Esto significa, que uno es más feliz cuanto mejor esté comparado con los demás.

Los autores también estudiaron el efecto el PBI per cápita sobre el bienestar de las personas y concluyen que esta variable macroeconómica está correlacionada con los niveles de felicidad de los individuos.

Basándose en los resultados de encuestas realizadas en Europa y EU desde mediados de la década de los setentas, Rafael Di Tella (Harvard Business School), Robert McCulloch (LSE) y Andrew Oswald (Universidad de Warwick), publicaron en Economía de la felicidad septiembre del 2001 un estudio llamado Macroeconomía de la Felicidad .

  • Los menos felices

En él intentan calcular el efecto que tienen las fluctuaciones macroeconómicas en la felicidad de las personas. Los resultados revelaron que los individuos que tienen tres o más hijos son aproximadamente tres veces menos felices que los que tienen uno solo y que los hombres son menos felices que las mujeres.

Cuando el PIB per cápita cambia, sus efectos sobre la felicidad individual son proporcionales al cambio. Pero a medida que el PIB permanece inmóvil, sus efectos sobre la felicidad van perdiendo fuerza.

  • Miedo al desempleo

Uno de los principales objetivos del estudio era encontrar una manera de medir y calcular el costo que para los individuos implica una recesión.
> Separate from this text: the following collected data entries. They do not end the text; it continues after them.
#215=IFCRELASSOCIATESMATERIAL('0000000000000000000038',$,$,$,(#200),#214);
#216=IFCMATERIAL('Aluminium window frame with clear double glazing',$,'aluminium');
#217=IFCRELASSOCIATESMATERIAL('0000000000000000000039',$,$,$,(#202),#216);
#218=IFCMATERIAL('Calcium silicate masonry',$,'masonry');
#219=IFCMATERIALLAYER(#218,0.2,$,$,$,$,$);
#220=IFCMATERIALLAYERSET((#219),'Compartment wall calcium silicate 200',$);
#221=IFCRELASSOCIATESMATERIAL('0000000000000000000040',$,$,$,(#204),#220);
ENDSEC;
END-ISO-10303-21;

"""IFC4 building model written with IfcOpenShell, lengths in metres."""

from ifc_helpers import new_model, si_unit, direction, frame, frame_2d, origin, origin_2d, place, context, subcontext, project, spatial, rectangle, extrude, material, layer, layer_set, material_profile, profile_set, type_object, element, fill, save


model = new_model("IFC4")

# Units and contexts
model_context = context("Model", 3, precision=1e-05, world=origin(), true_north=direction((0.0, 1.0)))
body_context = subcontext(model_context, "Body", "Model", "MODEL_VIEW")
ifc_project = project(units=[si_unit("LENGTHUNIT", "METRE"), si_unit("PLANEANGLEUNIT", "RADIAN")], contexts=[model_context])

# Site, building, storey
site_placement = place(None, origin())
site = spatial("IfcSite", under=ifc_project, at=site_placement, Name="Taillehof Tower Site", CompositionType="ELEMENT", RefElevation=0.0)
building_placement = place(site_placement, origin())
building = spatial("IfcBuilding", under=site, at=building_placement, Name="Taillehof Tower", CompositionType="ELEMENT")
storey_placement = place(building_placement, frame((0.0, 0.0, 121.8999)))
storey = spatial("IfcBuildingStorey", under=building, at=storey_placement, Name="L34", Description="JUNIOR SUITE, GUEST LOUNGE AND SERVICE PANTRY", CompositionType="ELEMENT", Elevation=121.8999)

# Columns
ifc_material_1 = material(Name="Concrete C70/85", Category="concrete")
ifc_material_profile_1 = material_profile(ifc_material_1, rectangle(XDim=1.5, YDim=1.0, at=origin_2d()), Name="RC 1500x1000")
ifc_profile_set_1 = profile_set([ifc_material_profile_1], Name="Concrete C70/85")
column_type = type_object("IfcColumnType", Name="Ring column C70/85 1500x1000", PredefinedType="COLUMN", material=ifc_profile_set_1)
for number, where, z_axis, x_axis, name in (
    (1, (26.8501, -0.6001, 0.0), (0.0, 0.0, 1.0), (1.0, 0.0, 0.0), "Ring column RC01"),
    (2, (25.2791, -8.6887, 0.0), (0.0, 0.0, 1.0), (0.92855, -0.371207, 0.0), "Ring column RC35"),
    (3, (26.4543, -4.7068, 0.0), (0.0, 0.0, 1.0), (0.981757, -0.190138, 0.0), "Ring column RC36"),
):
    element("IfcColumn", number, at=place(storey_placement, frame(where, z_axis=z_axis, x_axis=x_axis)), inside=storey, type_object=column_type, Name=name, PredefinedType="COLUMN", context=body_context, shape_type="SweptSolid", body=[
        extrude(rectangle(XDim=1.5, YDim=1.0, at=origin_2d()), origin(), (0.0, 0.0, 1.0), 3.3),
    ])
El hallazgo es que una persona promedio (empleada o desempleada), para mantener constante su nivel de bienestar ante un aumento de 1.5% de la tasa de desempleo, su ingreso debe aumentar 3.0 por ciento.

Es decir, dado que éste es el individuo promedio, el desempleo afecta a la felicidad y satisfacción, no sólo de la persona que pierde el trabajo, sino también de las personas que lo mantienen.

Esto se podría interpretar, argumentan los autores, como el efecto de un miedo , de los empleados, a perder su puesto. Con respecto a la inflación, en promedio y para dejar sin cambio el nivel de bienestar, un individuo debe recibir 70 dólares, a valor de 1985, por cada punto porcentual de aumento en la inflación.

El trabajo finaliza apuntando a las omisiones de la economía tradicional acerca de los importantes costos psicológicos que una recesión causa sobre las personas.